Africa is expected to register more than a million new cases a year and health experts say it is least able to cope in terms of health infrastructure.
"Africa will be particularly hard hit because it lacks the basic infrastructure to cope with a big growth in cancer in the years to come. If we can pool expertise and resources we can save tens of thousands of lives," a health official was quoted saying ahead of the global conference on cancer control held in May this year.
Massoud Samiei, head of the IAEA's Programme of Action for Cancer Therapy, says: "Across much of Africa, there is almost no cancer prevention or public education, and radiotherapy, which is used effectively on more than 50 percent of cancer patients in high-income countries, is simply unavailable to millions of cancer sufferers."
Non-communicable diseases are now a growing major public health concern in Africa, worsening the disease burden level of the continent battling against other communicable diseases such as malaria, HIV and Aids and tuberculosis.

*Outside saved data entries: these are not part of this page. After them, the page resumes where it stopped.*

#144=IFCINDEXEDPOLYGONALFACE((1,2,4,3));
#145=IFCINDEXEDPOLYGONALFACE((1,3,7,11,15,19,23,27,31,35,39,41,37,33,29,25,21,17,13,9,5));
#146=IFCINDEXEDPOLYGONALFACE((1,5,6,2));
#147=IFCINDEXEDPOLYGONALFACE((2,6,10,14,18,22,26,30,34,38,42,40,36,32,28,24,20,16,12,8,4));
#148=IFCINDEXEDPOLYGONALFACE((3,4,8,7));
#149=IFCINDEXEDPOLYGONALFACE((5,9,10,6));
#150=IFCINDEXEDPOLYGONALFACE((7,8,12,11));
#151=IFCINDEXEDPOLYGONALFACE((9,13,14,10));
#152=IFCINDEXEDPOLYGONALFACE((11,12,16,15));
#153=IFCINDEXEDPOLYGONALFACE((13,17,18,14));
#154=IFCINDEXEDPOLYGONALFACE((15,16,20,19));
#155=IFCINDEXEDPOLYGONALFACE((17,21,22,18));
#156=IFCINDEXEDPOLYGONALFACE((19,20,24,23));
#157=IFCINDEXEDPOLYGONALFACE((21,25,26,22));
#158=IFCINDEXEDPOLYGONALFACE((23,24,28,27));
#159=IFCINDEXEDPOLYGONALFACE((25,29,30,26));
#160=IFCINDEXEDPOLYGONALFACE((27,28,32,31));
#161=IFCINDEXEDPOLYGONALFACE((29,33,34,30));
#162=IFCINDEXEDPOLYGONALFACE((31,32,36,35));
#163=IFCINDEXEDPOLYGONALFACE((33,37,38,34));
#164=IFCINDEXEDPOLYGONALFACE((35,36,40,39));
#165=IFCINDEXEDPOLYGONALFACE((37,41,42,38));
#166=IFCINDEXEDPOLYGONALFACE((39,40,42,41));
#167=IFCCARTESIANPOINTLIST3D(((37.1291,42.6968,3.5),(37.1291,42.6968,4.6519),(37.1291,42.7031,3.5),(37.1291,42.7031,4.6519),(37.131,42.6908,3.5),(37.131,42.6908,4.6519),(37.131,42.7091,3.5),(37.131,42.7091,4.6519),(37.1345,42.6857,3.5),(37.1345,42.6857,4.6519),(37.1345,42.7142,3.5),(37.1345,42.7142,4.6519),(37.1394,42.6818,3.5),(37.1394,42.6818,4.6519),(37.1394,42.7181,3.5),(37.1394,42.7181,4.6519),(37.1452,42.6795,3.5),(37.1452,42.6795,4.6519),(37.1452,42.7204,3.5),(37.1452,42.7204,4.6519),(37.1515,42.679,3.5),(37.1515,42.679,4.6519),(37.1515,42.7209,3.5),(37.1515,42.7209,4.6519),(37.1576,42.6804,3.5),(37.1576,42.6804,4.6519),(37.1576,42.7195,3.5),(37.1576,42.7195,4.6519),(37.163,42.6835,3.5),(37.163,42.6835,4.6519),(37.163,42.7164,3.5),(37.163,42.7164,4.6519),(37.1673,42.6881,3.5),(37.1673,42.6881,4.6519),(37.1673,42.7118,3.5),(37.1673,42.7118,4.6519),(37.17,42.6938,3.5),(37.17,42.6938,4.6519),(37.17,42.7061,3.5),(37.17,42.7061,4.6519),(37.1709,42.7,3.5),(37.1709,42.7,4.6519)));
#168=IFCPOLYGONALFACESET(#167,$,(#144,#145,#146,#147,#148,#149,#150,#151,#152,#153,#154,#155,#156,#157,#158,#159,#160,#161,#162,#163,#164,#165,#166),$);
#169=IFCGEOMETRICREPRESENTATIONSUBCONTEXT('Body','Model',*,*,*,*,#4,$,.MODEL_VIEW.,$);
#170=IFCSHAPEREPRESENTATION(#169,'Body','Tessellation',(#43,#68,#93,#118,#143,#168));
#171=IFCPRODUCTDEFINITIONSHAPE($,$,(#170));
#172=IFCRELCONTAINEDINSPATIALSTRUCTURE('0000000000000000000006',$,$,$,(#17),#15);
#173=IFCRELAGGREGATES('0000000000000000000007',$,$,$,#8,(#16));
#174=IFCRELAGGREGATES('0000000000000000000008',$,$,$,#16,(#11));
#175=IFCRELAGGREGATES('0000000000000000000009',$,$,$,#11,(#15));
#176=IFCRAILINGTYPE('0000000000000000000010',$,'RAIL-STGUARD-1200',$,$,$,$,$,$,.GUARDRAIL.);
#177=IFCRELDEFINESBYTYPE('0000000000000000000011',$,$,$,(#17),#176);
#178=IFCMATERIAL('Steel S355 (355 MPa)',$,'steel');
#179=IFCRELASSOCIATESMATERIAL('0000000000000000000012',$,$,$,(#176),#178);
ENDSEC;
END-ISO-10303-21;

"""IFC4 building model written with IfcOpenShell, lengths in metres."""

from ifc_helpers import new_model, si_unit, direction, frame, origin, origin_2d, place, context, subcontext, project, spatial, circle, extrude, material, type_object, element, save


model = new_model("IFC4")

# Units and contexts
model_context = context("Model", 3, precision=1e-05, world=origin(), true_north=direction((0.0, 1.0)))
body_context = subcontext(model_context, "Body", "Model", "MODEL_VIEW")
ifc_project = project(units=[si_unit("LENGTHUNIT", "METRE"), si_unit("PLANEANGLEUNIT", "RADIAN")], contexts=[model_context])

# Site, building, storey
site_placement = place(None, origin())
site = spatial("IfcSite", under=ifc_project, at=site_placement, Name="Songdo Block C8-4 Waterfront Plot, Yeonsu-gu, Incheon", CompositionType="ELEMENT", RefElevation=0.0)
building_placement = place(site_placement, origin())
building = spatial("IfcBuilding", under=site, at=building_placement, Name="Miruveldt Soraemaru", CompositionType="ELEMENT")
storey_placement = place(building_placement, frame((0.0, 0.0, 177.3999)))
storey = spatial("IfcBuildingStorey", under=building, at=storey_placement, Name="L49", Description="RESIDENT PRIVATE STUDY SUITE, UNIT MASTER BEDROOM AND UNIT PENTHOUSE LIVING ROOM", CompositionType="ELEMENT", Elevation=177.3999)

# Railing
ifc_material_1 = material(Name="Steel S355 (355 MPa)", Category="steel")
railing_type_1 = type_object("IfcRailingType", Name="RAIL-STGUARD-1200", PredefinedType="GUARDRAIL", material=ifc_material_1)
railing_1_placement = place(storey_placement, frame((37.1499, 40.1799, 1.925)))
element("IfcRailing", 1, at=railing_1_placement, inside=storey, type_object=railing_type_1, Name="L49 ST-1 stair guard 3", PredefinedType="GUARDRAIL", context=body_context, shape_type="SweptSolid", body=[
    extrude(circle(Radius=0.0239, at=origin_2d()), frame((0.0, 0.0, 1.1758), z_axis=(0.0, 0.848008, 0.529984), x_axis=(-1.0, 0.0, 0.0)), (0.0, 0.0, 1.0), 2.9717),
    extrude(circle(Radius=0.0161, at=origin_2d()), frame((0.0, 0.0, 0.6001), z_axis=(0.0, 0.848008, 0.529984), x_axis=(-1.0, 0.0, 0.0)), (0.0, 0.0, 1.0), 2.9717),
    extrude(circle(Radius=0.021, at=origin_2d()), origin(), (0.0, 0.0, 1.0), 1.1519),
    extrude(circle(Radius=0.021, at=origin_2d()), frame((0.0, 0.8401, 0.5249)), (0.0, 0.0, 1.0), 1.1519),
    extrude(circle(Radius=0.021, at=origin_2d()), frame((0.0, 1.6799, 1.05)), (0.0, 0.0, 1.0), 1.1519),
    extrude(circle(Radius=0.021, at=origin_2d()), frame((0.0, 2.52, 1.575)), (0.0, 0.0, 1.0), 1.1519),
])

Non-communicable diseases are those diseases that are, in simple terms, acquired over a period of time due to what people eat and how they live.
The most prominent NCDs include cardiovascular diseases, cancer, diabetes, hypertension, obesity, gout and chronic obstructive pulmonary diseases among others.
Health experts say NCDs are linked to common preventable risk factors related to lifestyles.
These factors, they say, include tobacco use, an unhealthy diet and physical inactivity.
Many people in Africa are now consuming a lot of refined foods which are convenient but contain too much salt, sugar and fat but do not have enough fibre, vitamins and minerals.
They now eat less fresh fruit and vegetables than in the past, a change in food intake, which health experts say increases the risk of lifestyle nutrition related diseases such as cancer and heart diseases.
And as African health experts prepare for the coming conference, it will be important for them to come with a holistic plan of action that will help strengthen cancer education, research and practice on the continent.
Promoting healthy diets, mobilising funds for cancer programmes and for the procurement of equipment and addressing brain-drain problem is also critical for African patients who are the hardest hit.
Developing strategies for much-needed national cancer control programmes, conducting joint international cancer programmes and evaluating priorities taking into account specific needs of African patient will be important.
We can only hope that the conference will place the growing cancer problem in Africa at the forefront of the global health agenda.